Ever wondered why ArrayList is fast… until it suddenly isn’t? Most of us use ArrayList daily in Java. But very few actually think about what’s happening internally. Let’s break it down in a simple way. ➤ What is ArrayList internally? ArrayList is backed by a dynamic array. That means: • It uses a normal array under the hood • But it can grow automatically when needed ➤ Why is ArrayList so fast? When you do: list.get(index); It directly accesses the element using index. 👉 No looping 👉 No searching That’s why read operation = O(1) (very fast) ➤ Then where is the catch? The problem starts when the array gets full. Let’s say: Current capacity = 10 You try to add 11th element Now Java does something expensive: 1. Creates a new bigger array 2. Copies all old elements 3. Adds the new element 👉 This is called resizing ➤ How much does it grow? It doesn’t just add 1 more space. New capacity = old capacity + (old capacity / 2) 👉 ~1.5x growth This helps reduce frequent resizing, but still… ⚠️ Resizing = costly operation ➤ Why adding in middle is slow?

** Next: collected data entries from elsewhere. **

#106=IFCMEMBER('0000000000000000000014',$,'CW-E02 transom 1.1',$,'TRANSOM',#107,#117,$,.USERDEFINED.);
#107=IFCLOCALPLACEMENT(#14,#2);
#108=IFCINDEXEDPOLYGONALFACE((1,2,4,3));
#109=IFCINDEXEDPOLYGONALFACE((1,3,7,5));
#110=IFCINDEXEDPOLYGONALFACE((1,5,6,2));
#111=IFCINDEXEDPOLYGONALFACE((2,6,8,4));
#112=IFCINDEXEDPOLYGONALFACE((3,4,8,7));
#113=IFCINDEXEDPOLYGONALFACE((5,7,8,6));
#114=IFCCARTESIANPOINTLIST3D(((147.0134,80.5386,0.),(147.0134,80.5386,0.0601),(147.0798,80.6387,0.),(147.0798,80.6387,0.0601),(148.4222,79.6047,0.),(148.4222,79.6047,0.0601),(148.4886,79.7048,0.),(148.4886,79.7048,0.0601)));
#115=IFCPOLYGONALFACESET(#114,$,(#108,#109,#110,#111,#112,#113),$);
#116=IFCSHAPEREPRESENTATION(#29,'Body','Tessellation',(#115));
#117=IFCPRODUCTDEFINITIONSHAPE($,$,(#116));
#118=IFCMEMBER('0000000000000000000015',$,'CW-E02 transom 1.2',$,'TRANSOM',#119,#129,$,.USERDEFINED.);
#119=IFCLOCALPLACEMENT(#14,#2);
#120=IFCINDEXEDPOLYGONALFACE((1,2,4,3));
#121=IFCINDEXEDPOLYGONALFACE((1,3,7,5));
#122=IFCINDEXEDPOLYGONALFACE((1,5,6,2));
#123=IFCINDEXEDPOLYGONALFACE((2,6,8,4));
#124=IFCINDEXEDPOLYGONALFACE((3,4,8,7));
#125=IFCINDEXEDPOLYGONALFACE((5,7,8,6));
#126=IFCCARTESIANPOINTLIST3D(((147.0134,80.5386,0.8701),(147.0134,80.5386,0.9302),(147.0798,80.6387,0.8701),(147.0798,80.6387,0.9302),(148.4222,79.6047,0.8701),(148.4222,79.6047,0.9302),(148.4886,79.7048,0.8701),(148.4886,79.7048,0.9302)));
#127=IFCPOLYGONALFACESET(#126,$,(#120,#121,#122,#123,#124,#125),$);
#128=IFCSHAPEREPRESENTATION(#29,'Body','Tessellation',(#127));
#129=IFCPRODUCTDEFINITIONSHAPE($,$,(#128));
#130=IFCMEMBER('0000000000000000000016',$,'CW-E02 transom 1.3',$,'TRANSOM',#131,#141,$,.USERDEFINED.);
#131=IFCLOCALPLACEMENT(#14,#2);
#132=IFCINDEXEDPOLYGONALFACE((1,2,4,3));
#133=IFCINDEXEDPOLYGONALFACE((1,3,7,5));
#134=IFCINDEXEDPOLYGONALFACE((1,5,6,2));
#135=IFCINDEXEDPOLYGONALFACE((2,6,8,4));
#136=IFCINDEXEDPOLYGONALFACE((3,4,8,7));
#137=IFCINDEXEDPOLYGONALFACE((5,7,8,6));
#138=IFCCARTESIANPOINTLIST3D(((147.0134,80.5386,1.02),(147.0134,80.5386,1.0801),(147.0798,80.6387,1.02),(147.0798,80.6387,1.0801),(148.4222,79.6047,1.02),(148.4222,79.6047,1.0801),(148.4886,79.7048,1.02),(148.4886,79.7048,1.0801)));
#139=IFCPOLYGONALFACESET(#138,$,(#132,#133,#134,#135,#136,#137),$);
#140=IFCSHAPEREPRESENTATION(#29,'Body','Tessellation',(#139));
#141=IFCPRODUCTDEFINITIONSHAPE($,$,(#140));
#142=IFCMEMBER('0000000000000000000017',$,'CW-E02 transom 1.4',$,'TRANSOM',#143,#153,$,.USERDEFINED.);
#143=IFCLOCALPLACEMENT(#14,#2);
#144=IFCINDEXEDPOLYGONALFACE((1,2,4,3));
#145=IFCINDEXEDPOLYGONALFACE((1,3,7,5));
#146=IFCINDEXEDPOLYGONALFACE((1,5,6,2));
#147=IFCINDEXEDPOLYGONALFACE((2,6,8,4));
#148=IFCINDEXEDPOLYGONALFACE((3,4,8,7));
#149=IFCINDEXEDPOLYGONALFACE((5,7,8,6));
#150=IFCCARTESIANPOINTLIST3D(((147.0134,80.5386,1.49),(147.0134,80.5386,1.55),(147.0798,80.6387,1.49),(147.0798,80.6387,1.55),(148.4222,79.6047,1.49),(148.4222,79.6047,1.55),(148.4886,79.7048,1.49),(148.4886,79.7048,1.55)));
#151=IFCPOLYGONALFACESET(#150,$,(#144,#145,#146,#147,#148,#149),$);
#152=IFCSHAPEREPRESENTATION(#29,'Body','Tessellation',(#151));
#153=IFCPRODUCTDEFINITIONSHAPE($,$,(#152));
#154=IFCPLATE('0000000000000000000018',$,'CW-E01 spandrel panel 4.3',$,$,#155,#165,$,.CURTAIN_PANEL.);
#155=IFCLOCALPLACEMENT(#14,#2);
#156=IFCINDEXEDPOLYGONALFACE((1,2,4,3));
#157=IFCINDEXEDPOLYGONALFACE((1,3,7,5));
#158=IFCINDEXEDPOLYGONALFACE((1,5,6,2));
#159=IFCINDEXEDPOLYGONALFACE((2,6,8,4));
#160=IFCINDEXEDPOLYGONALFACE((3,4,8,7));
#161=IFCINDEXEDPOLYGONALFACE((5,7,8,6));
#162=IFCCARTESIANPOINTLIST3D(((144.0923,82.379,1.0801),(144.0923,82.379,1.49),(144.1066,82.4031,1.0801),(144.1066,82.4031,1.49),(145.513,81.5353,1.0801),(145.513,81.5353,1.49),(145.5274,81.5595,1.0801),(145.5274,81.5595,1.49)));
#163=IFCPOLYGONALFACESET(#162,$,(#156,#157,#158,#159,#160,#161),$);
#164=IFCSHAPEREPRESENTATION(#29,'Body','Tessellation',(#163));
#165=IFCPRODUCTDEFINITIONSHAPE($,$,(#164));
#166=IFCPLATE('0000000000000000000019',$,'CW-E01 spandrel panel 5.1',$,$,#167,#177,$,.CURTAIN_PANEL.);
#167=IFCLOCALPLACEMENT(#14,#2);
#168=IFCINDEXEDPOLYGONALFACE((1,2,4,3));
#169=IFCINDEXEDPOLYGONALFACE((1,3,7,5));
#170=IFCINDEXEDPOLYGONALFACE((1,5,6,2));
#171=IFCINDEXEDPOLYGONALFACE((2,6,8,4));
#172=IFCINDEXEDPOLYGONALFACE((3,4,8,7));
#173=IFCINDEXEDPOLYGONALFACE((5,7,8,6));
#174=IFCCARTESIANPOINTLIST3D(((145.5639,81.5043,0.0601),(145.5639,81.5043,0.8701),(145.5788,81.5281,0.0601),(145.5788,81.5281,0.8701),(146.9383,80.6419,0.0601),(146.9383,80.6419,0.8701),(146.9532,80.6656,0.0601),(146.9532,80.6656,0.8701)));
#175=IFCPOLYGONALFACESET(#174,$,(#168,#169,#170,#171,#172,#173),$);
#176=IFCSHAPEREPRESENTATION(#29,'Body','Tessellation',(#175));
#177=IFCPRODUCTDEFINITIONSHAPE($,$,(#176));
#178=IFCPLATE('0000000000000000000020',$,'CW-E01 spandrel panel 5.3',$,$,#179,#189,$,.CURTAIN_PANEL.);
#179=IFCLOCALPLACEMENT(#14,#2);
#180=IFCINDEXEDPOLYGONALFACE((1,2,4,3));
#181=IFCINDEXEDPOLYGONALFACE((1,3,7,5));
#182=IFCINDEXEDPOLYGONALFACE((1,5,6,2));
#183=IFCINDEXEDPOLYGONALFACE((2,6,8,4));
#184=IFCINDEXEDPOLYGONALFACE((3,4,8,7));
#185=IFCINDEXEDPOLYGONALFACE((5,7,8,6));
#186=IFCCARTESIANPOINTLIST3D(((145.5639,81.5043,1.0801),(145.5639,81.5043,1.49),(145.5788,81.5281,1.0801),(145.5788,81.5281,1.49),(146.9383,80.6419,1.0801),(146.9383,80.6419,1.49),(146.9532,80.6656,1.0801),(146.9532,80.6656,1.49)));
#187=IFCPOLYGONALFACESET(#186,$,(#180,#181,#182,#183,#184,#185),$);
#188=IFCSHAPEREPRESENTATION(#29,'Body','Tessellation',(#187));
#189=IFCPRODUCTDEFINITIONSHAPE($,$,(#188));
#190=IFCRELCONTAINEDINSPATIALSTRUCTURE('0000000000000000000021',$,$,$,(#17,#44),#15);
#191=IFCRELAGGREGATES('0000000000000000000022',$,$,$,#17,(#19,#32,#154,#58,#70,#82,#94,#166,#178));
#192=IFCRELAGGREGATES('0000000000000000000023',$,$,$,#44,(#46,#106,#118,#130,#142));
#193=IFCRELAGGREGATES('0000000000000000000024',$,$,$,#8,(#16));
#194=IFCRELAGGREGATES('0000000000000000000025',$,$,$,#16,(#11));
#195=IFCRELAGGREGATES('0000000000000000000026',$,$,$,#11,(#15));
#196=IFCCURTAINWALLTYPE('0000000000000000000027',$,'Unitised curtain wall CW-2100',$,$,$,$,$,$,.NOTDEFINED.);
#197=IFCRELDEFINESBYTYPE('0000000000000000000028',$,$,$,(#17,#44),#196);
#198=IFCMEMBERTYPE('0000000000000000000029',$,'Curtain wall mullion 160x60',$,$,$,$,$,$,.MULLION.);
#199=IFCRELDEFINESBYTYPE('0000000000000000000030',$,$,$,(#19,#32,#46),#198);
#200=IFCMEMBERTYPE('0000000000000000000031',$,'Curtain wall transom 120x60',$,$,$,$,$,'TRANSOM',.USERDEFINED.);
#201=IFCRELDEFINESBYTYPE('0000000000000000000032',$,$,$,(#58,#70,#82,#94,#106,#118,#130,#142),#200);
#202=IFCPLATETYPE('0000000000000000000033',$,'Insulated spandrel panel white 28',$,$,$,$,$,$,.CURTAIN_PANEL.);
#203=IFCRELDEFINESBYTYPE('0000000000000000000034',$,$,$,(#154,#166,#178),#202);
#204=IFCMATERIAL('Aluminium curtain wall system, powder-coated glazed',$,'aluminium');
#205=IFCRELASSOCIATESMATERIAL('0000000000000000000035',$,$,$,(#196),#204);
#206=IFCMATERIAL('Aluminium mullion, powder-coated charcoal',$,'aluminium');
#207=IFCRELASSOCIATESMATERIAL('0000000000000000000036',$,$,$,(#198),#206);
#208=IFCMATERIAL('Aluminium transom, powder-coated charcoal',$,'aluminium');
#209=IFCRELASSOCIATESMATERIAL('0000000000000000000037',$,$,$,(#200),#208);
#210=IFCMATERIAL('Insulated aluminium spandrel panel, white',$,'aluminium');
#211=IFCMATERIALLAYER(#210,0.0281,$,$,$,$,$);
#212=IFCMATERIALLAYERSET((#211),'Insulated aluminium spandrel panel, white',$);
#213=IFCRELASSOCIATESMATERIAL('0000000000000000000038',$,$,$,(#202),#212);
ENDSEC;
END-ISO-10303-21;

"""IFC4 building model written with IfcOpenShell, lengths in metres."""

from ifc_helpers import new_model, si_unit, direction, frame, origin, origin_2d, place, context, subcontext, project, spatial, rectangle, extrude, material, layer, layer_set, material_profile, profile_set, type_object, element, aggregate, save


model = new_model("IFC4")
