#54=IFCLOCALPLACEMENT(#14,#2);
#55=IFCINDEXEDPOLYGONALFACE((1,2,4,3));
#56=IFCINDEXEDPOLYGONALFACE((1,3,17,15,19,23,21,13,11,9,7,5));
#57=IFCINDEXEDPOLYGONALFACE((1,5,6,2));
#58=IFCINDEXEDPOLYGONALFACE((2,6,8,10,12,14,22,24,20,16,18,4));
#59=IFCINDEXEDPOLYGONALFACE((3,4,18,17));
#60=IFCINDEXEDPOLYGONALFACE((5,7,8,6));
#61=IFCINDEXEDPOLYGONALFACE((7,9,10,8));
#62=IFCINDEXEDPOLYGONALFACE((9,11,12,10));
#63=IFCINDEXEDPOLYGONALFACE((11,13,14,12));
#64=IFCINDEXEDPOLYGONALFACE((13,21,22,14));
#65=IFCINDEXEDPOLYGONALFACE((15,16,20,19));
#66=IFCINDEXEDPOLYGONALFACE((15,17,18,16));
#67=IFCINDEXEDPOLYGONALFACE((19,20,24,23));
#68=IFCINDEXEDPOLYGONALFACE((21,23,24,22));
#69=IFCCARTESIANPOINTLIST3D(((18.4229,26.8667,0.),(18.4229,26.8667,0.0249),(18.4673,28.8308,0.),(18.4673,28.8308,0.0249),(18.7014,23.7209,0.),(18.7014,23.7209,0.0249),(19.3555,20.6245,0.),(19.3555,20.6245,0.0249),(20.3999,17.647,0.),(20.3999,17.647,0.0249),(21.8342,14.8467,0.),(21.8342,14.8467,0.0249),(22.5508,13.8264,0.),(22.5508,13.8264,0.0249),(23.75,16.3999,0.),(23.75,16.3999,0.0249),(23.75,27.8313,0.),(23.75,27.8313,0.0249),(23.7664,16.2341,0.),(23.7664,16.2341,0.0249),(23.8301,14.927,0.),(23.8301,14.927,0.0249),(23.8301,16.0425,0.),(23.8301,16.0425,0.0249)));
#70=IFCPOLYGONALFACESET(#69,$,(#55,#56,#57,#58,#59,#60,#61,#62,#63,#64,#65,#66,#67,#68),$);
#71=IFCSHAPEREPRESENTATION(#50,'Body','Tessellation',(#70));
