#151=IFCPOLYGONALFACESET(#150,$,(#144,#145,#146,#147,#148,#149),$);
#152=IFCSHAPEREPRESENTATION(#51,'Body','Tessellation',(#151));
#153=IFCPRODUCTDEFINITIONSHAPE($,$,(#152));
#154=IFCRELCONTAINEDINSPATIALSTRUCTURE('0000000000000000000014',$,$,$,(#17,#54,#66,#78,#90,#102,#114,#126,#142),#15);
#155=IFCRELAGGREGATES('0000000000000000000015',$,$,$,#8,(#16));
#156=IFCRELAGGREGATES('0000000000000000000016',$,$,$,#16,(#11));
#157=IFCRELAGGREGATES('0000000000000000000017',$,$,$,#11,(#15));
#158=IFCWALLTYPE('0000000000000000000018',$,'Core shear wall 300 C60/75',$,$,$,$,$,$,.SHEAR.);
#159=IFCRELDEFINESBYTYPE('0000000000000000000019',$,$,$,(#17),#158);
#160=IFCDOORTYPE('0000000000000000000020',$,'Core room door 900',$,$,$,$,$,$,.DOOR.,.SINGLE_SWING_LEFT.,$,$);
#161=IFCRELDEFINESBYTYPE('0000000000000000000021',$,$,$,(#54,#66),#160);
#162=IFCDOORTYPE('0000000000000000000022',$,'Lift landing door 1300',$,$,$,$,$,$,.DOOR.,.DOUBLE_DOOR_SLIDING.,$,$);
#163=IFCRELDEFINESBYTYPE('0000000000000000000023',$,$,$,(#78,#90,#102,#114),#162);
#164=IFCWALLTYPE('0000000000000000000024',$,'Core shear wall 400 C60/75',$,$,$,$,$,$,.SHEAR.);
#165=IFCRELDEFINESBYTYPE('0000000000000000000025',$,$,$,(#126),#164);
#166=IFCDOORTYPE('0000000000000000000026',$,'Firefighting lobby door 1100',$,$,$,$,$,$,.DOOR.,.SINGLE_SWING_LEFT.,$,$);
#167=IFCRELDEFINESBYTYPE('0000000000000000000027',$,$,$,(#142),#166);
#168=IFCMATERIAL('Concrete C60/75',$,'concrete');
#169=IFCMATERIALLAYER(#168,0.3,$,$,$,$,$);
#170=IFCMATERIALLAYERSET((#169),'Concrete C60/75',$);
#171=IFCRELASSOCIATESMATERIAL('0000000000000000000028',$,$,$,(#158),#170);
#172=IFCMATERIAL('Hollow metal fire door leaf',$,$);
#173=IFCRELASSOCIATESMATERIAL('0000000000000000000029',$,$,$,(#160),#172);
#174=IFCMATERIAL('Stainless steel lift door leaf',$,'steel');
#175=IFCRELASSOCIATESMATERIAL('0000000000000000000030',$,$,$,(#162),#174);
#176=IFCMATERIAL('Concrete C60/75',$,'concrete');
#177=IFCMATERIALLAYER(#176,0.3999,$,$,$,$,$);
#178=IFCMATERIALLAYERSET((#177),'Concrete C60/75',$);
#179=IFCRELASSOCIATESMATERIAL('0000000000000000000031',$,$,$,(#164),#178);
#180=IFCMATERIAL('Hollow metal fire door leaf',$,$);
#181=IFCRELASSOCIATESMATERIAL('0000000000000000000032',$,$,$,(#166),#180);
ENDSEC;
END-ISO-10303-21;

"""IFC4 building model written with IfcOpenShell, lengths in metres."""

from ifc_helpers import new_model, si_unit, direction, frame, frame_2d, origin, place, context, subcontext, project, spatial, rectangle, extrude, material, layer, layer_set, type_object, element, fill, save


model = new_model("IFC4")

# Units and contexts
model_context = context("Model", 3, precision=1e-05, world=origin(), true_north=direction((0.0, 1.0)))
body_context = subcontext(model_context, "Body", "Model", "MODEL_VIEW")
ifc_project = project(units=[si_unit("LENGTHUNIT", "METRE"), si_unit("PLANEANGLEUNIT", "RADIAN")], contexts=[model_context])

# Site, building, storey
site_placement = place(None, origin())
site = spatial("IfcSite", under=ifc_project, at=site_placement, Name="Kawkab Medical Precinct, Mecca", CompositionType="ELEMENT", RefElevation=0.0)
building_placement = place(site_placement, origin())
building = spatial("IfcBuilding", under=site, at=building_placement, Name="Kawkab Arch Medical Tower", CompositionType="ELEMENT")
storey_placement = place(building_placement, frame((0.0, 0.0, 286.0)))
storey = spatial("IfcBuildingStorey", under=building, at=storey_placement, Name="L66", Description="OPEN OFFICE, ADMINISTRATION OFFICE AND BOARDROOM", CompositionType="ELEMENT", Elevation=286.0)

If you do: list.add(0, element); All elements shift one position to the right. 👉 Time complexity = O(n) ➤ Real-world analogy Think of ArrayList like a row of fixed seats: • Sitting in an empty seat → fast • All seats full → need a bigger row (move everyone) • Inserting in middle → everyone shifts ➤ Pro Developer Tip If you already know the size: new ArrayList<>(1000); 👉 Avoids multiple resizes 👉 Improves performance significantly ➤ Key Takeaway ArrayList is fast because of: • Direct index access But it becomes slow when: • Resizing happens • Frequent insertions in middle #Java #ArrayList #CoreJava #DataStructures #Performance #SoftwareEngineering

The initial capacity tip is underrated in production code. If you're processing 10K records in a batch job and using default ArrayList — you're triggering multiple resizes silently. One line fix saves significant overhead. Another thing worth knowing — System.arraycopy() used internally during resize is native and optimised, but it's still O(n). At scale those hidden costs add up fast.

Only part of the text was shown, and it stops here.